Following the Faroese general election in September 2015, two same-sex marriage bills (one permitting same-sex marriage and the other permitting same-sex divorce) were submitted to the Parliament. The bills received a first reading on 24 November 2015. On 26 April 2016, following a significant amount of parliamentary maneuvering, the same-sex marriage bill passed its second reading by a vote of 19–14. The bill passed its final reading on 29 April 2016. The Danish Parliament voted unanimously to ratify the changes to its own marriage law on 25 April 2017. The Minister of Justice, Søren Pape Poulsen, subsequently allowed the law to go into effect on 1 July 2017, after some minor adjustments regarding the state church had been made.

Legislation exempting the Church of the Faroe Islands from performing same-sex marriages passed the Faroese Parliament on 30 May and went into effect on 1 July 2017, alongside the marriage law.
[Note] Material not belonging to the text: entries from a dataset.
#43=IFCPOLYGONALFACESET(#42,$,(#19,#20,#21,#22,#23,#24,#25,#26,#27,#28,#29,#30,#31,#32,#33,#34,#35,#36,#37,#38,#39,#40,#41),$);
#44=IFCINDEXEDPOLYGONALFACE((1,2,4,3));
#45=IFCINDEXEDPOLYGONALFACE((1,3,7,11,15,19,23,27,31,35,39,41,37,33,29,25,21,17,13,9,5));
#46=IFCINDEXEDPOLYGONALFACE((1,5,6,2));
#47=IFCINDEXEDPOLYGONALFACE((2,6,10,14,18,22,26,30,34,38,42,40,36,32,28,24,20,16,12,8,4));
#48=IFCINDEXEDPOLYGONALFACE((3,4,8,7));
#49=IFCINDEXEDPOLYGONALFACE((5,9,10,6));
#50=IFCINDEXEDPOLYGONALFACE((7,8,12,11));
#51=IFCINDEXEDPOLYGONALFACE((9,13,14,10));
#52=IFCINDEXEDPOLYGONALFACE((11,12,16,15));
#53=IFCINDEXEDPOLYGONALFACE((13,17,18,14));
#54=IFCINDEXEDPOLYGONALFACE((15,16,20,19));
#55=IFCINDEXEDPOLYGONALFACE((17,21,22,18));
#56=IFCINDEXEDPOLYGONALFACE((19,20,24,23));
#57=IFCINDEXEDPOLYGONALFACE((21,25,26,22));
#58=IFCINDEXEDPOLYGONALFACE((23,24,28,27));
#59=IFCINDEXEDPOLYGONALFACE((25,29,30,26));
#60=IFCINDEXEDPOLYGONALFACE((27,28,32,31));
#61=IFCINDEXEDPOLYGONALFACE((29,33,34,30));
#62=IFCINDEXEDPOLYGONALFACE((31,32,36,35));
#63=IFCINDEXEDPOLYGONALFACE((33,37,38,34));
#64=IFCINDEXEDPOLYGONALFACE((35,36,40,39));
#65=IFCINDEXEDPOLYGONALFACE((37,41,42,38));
The first same-sex wedding in the Faroe Islands was performed on 6 September 2017.

Impact
A study by the Danish Research Institute for Suicide Prevention, released in 2019, showed that the legalisation of same-sex marriage, as well as other supportive policies and legislation, had decreased the suicide rate among same-sex partners. The study, conducted in both Sweden and Denmark, found a 46% fall in suicides of people in same-sex unions between the periods 1989–2002 and 2003–2016, compared to 28% among heterosexual couples.

Statistics
Same-sex marriage statistics in Denmark (excluding Greenland and the Faroe Islands) are shown in the table below. In 2021, the majority of same-sex marriages (79%) were performed in a civil ceremony, while 21% took place in a religious ceremony in the Church of Denmark. 1 marriage was performed in embassies or consulates outside of Denmark.

Public opinion
A YouGov poll conducted between 27 December 2012 and 6 January 2013 found that 79% of Danes supported same-sex marriage and 16% were opposed. The remaining 6% had no opinion on the issue. The same poll also showed that 59% supported same-sex couples' right to adopt, 31% were opposed and 11% had no opinion.

A May 2013 Gallup survey from the Faroe Islands found that 68% favoured civil marriage for same-sex couples, with 27% against and 5% undecided. All the regions showed majority support and no age groups had more opponents than supporters. A 2014 poll from the Faroe Islands showed that 62% of respondents supported same-sex marriage. The regional divide was significant; support was greater on Streymoy (71% in Norðurstreymoy and 76% in Suðurstreymoy), which includes the capital Tórshavn, than in Norðoyar (42%) and Eysturoy (48%). An August 2014 Faroese poll asking 600 respondents for their views on civil marriage for same-sex couples showed that 61% supported the idea, while 32% were opposed and 7% had no opinion.

The 2015 Eurobarometer found that 87% of Danes supported same-sex marriage, while 9% were opposed and 4% were undecided.

A Pew Research Center poll, conducted between April and August 2017 and published in May 2018, showed that 86% of Danes supported same-sex marriage, 9% were opposed and 5% did not know or refused to answer. When divided by religion, 92% of religiously unaffiliated people, 87% of non-practicing Christians and 74% of church-attending Christians supported same-sex marriage. Among 18–34-year-olds, opposition to same-sex marriage was 6%.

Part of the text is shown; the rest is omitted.